O treinamento da atenção plena pode ser um excelente exercício de relaxamento, pois nos induz a focar nossa atenção no momento presente e com isso, interrompemos a grande quantidade de estímulos estressantes que passam por nossa mente, reduzindo assim o estresse que eles representam. Um exercício de relaxamento da atenção plena, que está se mostrando altamente eficaz, é o concentração total por 1 minuto em nossa respiração. No seguinte artigo você encontrará o que é atenção plena e como ela é praticada.

7. Body Scan.

A varredura corporal consiste em um exercício de meditação que tem como objetivo que a pessoa escaneie todas as áreas do seu corpo, focando a sua atenção nas sensações evocadas ao concentrar-se nas diferentes áreas determinadas. Com isso, uma sensação de calma é alcançada em nosso corpo e, com ele, também em nossa mente.

8. Respiração alternativa.

A técnica de respiração alternada também pode ser um ótimo exercício para reduzir o estresse, induzindo um estado de relaxamento. Consiste em inalar o ar pelas narinas, alternadamente. A sua realização permite-nos entrar num estado de calma, através de um procedimento muito simples. Para o seu desempenho, fique em uma postura de meditação (sentado de pernas cruzadas) e cubra uma das narinas com o polegar, enquanto inspira o ar profunda e lentamente pelo outro.
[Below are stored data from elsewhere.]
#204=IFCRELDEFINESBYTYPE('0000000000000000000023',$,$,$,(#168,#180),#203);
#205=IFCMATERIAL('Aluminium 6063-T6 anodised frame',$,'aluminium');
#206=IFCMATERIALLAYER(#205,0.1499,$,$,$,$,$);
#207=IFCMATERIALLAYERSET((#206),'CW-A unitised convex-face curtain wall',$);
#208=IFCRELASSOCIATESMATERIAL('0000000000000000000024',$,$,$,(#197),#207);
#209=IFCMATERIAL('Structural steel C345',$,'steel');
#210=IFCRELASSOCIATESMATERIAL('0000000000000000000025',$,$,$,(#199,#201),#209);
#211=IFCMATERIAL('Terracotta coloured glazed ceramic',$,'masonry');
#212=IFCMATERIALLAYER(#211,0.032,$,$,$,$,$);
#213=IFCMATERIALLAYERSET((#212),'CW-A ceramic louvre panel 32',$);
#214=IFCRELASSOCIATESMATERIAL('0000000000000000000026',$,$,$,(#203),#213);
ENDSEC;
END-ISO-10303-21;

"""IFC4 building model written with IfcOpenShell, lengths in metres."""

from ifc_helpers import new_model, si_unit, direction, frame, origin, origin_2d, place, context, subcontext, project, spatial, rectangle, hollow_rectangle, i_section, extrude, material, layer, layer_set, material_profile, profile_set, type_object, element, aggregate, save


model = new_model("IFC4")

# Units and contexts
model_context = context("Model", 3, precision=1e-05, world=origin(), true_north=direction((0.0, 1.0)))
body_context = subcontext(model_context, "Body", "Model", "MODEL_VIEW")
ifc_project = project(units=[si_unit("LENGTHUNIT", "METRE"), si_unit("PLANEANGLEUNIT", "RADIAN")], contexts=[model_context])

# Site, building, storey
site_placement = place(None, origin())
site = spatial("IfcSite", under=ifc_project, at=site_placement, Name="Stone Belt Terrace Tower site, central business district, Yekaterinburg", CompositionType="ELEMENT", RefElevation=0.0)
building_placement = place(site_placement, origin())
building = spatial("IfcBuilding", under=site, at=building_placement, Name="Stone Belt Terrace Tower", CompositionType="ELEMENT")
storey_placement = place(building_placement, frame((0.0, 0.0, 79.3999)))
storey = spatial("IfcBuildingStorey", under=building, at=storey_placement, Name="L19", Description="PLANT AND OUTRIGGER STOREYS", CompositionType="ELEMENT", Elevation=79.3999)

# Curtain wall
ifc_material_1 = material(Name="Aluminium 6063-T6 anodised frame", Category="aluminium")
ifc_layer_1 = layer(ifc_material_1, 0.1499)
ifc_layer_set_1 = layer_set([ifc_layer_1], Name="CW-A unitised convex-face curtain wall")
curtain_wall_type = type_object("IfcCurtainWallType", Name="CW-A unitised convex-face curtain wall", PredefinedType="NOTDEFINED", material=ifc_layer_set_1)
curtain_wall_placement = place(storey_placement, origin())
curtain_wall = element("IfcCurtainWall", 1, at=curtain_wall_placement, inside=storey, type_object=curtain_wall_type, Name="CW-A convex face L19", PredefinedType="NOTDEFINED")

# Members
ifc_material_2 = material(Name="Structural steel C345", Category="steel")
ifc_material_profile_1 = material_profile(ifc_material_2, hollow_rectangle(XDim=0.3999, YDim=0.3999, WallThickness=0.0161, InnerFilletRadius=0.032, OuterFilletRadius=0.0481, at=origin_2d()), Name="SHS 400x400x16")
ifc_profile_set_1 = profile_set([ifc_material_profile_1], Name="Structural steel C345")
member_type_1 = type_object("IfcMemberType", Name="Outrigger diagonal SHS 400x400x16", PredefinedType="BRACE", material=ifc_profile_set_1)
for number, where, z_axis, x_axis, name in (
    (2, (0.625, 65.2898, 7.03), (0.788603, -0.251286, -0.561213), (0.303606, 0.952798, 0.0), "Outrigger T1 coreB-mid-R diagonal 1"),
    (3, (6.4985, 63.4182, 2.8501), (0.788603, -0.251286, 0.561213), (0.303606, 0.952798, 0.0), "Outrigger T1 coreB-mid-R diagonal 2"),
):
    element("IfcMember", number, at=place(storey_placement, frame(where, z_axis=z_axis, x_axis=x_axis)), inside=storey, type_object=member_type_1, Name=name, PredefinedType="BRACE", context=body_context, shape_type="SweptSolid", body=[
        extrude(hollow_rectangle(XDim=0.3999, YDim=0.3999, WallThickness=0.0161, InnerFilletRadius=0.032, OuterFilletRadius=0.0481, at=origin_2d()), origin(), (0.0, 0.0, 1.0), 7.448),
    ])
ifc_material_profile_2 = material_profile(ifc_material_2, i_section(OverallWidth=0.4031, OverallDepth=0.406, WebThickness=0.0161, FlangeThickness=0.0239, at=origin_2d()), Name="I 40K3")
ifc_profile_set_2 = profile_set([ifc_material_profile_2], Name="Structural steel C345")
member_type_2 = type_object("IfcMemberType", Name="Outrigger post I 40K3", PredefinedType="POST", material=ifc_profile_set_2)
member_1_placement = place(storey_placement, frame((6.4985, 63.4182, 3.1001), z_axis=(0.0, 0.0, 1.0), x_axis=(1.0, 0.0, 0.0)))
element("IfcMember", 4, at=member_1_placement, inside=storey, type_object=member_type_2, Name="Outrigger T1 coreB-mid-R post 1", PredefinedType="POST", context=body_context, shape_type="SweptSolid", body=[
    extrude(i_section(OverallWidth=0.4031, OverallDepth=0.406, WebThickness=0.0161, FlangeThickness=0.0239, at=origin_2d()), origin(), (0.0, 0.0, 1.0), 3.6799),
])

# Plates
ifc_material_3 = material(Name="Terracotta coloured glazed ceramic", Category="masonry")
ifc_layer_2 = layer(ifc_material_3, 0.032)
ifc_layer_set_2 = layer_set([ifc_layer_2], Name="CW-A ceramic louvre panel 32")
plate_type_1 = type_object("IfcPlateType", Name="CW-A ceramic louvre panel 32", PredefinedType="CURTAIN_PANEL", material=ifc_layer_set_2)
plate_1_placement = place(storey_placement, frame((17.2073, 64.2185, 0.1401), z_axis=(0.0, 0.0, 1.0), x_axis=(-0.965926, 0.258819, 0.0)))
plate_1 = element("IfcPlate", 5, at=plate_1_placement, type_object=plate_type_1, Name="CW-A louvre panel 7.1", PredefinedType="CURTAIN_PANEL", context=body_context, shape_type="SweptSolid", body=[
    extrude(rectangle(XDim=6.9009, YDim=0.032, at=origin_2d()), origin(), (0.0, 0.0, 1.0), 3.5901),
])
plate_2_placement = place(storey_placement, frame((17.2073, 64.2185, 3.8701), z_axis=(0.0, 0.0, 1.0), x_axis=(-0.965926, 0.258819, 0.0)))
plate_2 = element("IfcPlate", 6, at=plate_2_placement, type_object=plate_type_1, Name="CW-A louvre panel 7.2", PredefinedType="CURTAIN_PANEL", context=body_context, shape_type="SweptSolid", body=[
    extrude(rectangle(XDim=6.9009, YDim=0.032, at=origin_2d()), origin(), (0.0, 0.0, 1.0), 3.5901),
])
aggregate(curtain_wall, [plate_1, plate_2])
Para deixar o ar sair, coloque o polegar na narina oposta e deixe o ar sair. Repita o procedimento ao contrário.

9 técnicas de relaxamento para o estresse - 8. Respiração alternativa

9. Ioga.

O Yoga, além de nos proporcionar grandes benefícios na nossa saúde física, é uma atividade física que nos ajuda a alcançar um estado de relaxamento, melhorando a respiração que ocorre Y ajuda a reduzir as tensões musculares no corpo. No artigo a seguir, você encontrará mais informações sobre benefícios de ioga e exercícios para ansiedade.

Finalmente, se você tem filhos ou trabalha com crianças, pode ser útil ler sobre técnicas de relaxamento para crianças.

Este artigo é meramente informativo, em Psychology-Online não temos competência para fazer um diagnóstico ou recomendar um tratamento. Convidamos você a ir a um psicólogo para tratar de seu caso particular.